On this day 20 years ago, massive demonstrations were held in Belgrade, ending the government of Slobodan Milosevic.

Twenty years before: The cover of Danas is from October 6, 2000.

Demonstrations in Belgrade broke out after Milosevic refused to acknowledge the results of the election for president of the Federal Republic of Yugoslavia. In the elections of September 24, 2000, Milosevic lost to DOS candidate and leader of the Democratic Party of Serbia (DSS), Vojislav Kostunica.

That day, protesters reached the plateau in front of the then Federal Assembly, and today the House of the National Assembly, from all over Serbia in columns of cars, buses and trucks tens of kilometers long, razing police checkpoints.

A day later, on October 6, 2000, Danas dedicated more than 10 pages to this event, and Danas reporters reported that protests were coming from all directions and from all over Serbia, and that the police were with the protesters. .

According to Danas at the time, more than a million citizens occupied the Federal Assembly building, which was later demolished and burned, as well as the RTS building on Takovska Street. The main report of the protest was titled “Serbia prevented Milosevic from leaving”.

Things were taken out of the assembly, protesters passed assembly seats in the streets of Belgrade, and dozens of people were injured.

Telephone connections between Belgrade and the interior were difficult.

SPO leader Vuk Draskovic, who is in the ruling coalition today, said that day that he was “happy, but also sad that he is not in Belgrade.”

On the night of October 5, 2000, the new FRY president, Vojislav Kostunica, addressed citizens from the terrace of the Belgrade Assembly, and the next day, October 6, Milosevic admitted his electoral defeat and congratulated to Kostunica.

Many public figures participated in the celebration on the terrace of the City Assembly, among which were Olivera Katarina, Obren Joksimović, Rambo Amadeus, Danica Maksimović, Sergej Trifunović, Nebojša Glogovac …
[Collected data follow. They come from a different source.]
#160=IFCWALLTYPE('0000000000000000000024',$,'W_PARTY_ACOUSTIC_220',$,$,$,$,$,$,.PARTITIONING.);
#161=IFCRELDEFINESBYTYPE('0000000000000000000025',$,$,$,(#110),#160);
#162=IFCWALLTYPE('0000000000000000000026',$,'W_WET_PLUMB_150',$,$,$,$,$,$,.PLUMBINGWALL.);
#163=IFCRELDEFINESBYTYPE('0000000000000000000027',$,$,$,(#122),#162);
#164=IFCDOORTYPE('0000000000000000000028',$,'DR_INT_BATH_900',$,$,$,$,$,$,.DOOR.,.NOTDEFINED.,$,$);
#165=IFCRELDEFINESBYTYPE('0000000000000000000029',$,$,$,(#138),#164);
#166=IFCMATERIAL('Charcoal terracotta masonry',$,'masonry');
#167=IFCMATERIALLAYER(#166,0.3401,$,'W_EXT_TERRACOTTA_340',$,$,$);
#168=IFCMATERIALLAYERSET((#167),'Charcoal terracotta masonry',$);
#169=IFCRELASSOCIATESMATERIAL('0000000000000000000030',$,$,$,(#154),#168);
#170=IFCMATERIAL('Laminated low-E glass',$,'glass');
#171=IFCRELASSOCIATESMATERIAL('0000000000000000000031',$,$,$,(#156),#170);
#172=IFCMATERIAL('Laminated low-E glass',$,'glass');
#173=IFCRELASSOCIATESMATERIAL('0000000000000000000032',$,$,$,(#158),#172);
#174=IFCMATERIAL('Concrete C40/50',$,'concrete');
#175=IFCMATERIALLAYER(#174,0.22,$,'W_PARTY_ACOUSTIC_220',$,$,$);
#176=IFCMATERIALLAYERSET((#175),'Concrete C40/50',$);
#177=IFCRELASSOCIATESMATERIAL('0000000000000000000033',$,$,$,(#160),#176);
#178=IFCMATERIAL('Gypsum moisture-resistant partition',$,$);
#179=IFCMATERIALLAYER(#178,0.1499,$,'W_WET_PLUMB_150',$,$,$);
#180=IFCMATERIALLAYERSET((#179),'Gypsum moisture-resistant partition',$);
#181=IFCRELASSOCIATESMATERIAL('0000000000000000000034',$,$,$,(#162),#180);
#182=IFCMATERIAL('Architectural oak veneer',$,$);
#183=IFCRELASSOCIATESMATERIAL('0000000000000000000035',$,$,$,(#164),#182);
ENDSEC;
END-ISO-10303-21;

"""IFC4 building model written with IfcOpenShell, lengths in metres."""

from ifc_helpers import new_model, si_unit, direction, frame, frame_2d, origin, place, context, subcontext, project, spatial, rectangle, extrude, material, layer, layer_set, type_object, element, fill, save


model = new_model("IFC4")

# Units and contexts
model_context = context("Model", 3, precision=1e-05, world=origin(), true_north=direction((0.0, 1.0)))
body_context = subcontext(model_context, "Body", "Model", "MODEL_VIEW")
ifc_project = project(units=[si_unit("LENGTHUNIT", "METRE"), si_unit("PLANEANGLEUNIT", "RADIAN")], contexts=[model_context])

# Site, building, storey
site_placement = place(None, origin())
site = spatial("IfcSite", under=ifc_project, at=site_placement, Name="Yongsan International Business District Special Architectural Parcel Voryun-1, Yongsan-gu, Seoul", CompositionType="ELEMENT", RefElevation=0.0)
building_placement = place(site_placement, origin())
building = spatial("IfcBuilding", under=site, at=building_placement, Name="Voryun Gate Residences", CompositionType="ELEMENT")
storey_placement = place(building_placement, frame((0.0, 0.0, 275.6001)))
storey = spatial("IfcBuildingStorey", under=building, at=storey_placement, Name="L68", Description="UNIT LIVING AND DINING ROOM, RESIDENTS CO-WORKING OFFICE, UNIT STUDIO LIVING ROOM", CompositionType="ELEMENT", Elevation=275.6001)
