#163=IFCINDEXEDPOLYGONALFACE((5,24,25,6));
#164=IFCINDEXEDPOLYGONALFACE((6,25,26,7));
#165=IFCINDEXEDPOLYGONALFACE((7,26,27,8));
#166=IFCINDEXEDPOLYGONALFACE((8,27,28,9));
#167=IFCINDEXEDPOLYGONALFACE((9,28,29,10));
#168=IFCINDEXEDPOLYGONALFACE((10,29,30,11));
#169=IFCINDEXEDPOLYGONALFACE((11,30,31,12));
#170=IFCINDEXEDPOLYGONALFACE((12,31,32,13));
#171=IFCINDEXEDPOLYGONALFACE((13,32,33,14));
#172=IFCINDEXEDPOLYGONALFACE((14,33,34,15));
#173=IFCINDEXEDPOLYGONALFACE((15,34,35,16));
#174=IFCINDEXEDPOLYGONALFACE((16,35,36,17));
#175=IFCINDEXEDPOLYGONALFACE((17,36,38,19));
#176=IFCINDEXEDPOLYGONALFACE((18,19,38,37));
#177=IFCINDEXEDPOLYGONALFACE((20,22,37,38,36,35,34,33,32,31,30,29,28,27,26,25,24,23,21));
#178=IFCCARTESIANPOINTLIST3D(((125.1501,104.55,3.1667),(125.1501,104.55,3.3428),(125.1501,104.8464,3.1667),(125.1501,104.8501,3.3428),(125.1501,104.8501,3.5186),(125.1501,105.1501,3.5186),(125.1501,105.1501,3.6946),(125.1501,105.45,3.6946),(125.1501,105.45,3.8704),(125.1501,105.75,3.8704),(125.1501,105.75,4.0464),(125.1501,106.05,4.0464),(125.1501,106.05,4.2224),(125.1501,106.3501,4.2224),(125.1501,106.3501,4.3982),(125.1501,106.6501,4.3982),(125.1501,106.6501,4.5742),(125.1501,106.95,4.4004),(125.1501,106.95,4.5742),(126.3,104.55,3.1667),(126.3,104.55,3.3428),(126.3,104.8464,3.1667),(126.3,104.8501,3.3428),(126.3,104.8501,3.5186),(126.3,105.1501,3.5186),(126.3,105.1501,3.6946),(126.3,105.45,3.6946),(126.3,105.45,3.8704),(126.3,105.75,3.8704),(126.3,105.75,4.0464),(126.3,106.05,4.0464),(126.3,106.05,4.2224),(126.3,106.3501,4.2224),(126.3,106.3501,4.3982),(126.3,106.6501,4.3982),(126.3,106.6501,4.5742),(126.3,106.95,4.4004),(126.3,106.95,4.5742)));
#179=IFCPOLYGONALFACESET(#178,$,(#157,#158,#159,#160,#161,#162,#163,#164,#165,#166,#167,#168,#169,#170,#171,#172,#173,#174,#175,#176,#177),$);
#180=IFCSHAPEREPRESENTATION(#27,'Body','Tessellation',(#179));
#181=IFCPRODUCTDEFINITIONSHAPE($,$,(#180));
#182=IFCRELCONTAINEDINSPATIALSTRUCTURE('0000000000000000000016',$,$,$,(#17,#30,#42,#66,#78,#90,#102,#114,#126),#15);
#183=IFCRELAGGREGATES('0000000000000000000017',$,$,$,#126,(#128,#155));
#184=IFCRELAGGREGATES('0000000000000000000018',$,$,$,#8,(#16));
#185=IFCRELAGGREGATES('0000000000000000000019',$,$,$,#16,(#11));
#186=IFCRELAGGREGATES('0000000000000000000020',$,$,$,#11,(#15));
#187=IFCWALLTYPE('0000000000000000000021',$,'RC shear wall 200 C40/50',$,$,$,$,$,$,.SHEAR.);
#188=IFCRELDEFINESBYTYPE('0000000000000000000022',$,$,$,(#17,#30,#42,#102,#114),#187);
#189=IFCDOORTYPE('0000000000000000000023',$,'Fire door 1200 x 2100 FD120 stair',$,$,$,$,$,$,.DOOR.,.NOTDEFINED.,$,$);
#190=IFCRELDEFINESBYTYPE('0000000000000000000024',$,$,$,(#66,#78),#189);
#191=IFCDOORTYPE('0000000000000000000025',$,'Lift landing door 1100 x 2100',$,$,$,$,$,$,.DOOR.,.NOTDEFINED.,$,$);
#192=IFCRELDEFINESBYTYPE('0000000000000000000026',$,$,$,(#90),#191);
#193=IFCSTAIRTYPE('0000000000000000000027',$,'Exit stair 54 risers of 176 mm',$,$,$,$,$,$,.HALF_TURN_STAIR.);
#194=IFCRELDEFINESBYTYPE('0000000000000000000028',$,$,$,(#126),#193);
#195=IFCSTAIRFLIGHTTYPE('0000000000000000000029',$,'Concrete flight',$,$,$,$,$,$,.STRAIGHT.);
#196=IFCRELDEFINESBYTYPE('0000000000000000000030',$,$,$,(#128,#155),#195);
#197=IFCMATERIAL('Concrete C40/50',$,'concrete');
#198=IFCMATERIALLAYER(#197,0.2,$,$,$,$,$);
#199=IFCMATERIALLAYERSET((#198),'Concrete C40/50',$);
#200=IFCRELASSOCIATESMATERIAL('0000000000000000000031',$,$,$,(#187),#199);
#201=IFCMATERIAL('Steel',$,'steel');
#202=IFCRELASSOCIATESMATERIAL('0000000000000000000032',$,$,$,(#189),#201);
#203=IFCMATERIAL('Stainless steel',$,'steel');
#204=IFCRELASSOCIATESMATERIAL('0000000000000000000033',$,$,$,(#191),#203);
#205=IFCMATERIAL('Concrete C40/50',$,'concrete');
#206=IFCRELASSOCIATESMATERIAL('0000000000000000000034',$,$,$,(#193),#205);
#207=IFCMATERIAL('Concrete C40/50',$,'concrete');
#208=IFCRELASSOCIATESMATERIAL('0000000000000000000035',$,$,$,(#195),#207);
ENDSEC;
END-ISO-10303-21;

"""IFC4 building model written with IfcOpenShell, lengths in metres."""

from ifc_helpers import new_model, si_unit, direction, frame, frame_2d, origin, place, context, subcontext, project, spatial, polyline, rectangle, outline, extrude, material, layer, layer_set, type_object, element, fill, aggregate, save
That same night, the opposition representative Milan St. Protic was elected mayor of Belgrade.

Twenty years before:
Corax October 6, 2000

Bojan Bosiljcic, editor of the Cultural Editorial Committee of RTS, announced shortly after 9:00 p.m. on the First Program of Serbian Radio and Television that this house would begin broadcasting according to professional standards, apologizing in advance for possible improvisations and announcing the speech of the winner of the presidential elections in FR Yugoslavia Vojislav Kostunica.

Bosiljcic read the proclamation signed, as he put it, by “Belgrade Television professionals”.
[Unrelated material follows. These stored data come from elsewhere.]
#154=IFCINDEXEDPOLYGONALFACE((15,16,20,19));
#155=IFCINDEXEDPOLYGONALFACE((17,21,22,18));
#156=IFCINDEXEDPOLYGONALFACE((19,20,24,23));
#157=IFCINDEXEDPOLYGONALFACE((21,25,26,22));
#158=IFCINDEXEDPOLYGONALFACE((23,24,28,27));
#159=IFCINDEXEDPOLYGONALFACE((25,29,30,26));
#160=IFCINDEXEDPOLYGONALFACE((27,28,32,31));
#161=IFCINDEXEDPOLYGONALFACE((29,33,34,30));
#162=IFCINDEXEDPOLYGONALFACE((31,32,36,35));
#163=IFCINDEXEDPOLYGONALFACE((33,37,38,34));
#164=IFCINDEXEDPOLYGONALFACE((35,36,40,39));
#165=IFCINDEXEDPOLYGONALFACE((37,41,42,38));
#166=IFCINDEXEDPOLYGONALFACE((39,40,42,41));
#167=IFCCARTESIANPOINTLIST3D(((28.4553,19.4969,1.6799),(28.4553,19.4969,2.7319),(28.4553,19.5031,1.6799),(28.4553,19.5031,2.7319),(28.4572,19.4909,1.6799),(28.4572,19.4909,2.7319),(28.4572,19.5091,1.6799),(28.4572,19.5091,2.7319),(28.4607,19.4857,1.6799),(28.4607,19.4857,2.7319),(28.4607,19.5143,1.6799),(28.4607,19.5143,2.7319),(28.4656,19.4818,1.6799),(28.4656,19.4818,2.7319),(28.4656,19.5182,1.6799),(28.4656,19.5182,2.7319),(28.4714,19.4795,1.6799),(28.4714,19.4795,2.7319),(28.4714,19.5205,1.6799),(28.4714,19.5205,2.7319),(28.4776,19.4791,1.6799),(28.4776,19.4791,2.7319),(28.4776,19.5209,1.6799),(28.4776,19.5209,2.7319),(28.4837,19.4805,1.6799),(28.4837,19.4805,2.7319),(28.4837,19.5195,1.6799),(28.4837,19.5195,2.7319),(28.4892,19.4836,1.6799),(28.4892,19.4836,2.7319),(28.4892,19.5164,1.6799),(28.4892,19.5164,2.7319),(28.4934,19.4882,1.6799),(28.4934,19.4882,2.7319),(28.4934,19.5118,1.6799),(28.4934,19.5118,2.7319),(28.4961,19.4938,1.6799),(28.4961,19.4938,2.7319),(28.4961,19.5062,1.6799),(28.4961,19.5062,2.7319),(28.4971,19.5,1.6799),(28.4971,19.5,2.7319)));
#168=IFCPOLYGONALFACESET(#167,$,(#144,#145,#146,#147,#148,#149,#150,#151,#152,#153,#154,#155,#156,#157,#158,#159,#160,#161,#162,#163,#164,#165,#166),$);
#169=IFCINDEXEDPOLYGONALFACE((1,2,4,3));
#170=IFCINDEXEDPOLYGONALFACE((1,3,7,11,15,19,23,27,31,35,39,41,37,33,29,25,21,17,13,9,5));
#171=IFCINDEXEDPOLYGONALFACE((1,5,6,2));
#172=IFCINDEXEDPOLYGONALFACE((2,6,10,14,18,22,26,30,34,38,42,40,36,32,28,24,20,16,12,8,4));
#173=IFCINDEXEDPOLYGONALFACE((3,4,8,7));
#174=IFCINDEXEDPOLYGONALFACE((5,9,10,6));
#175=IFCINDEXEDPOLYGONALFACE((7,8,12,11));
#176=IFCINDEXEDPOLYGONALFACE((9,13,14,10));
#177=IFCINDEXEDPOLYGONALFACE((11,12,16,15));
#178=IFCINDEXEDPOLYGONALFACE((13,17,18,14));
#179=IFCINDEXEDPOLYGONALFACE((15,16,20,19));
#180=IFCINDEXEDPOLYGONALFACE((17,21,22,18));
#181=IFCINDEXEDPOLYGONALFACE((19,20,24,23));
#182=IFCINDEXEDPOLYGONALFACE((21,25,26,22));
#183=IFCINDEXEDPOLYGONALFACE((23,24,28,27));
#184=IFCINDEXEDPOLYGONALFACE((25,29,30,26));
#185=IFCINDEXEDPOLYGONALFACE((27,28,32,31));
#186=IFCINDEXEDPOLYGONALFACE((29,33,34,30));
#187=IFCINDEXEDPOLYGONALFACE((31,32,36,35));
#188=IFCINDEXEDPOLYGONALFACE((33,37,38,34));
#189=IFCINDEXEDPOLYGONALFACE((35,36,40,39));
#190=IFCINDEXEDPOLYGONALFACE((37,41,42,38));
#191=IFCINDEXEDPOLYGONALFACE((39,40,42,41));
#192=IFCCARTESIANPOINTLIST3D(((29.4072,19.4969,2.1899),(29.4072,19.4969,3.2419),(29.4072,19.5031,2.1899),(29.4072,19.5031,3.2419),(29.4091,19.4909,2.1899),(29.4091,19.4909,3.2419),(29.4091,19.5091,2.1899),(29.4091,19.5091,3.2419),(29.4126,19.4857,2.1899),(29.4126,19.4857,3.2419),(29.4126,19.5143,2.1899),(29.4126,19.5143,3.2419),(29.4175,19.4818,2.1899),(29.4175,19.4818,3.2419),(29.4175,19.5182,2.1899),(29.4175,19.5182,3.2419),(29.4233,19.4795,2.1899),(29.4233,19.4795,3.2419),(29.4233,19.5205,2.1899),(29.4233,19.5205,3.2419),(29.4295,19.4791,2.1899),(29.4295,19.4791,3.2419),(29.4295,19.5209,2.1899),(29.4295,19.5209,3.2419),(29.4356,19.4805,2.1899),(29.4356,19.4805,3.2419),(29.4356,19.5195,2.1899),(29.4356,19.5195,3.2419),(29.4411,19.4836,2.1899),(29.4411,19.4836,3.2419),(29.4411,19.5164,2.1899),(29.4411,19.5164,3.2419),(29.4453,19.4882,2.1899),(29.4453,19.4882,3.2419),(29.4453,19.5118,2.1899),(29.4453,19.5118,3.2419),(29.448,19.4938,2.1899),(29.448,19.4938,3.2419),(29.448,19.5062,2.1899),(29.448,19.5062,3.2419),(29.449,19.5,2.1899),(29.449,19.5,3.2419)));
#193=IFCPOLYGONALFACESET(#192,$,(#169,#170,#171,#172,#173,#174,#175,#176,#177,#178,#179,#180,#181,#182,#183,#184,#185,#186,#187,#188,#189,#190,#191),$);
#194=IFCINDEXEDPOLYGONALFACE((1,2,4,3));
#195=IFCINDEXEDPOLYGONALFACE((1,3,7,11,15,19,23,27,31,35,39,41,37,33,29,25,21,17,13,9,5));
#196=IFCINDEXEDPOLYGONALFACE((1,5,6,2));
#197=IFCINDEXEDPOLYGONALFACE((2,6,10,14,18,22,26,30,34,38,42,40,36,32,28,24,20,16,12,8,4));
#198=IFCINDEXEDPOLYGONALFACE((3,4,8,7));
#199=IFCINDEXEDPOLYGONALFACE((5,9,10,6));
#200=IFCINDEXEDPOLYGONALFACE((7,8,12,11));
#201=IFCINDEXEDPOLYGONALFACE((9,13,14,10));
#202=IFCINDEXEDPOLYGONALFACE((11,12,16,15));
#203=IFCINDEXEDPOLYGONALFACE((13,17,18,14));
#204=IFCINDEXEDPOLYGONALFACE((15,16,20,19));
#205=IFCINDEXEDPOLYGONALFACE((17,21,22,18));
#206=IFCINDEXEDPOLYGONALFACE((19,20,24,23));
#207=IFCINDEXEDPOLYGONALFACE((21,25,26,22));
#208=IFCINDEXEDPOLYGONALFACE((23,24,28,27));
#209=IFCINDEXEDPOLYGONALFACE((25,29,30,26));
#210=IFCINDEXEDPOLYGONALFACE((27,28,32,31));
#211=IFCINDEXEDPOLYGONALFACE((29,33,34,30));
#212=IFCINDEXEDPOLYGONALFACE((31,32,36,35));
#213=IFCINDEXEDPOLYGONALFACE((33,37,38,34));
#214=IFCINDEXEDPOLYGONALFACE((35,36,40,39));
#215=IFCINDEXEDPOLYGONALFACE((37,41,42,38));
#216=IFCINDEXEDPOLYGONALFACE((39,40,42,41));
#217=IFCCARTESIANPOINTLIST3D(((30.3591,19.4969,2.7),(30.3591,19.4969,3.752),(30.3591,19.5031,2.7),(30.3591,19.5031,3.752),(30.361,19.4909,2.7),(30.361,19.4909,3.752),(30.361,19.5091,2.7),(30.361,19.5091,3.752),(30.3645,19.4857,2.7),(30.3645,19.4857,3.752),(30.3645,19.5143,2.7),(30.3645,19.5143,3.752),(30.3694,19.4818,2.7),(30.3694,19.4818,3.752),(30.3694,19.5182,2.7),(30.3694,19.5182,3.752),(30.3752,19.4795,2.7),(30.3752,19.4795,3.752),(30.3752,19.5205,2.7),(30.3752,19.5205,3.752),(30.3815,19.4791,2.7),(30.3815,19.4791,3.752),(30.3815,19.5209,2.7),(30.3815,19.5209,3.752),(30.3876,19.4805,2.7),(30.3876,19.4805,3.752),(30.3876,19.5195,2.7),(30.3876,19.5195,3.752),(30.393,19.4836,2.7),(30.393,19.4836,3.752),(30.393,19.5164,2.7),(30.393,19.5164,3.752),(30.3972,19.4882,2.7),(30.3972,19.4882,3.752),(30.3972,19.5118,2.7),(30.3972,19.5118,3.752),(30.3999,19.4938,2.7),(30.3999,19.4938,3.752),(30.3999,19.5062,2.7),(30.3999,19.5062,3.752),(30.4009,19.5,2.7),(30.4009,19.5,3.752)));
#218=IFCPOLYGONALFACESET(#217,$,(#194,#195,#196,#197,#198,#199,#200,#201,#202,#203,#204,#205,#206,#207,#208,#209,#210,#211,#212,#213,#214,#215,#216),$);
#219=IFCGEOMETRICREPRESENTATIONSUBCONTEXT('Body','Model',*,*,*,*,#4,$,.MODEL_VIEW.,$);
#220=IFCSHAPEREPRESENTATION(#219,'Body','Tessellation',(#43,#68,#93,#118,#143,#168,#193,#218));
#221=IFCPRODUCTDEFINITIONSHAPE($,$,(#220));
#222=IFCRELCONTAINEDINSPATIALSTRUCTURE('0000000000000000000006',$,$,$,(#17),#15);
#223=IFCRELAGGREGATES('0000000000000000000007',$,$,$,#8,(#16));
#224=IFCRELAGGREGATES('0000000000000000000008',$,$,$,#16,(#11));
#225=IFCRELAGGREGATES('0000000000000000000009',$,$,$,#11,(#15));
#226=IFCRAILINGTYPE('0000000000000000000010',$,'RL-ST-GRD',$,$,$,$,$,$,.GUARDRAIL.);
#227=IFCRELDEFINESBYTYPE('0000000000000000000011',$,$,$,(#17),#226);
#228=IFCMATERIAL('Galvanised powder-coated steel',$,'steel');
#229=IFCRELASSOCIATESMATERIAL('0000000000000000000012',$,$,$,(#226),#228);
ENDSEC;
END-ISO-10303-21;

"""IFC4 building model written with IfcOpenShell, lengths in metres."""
Belgrade televisions Palma, Pink and Košava stopped broadcasting the regular program around 7 pm, Danas wrote a day later.

In this issue of our newspaper, the day after the protest, the text of the journalist’s author and later RTS editor-in-chief Aleksandar Tijanić was published.

“Milosevic enters the final political development in the same way that he entered politics: with the mentality of a child who was not invited to a birthday party by someone in the class. “He perceives the outcome of these elections as the absence of an invitation to the celebration, as a definitive and insulting Serbian assessment of his courage and not of his politics,” Tijanic wrote.

The complete digital archive of the list from 1997 to today will soon be available on the Danas website.

The content was supported by the Embassy of the United States within the project “Digitization of Danas Archives”. The opinions expressed in the text are those of the authors and do not necessarily reflect the views of the United States government.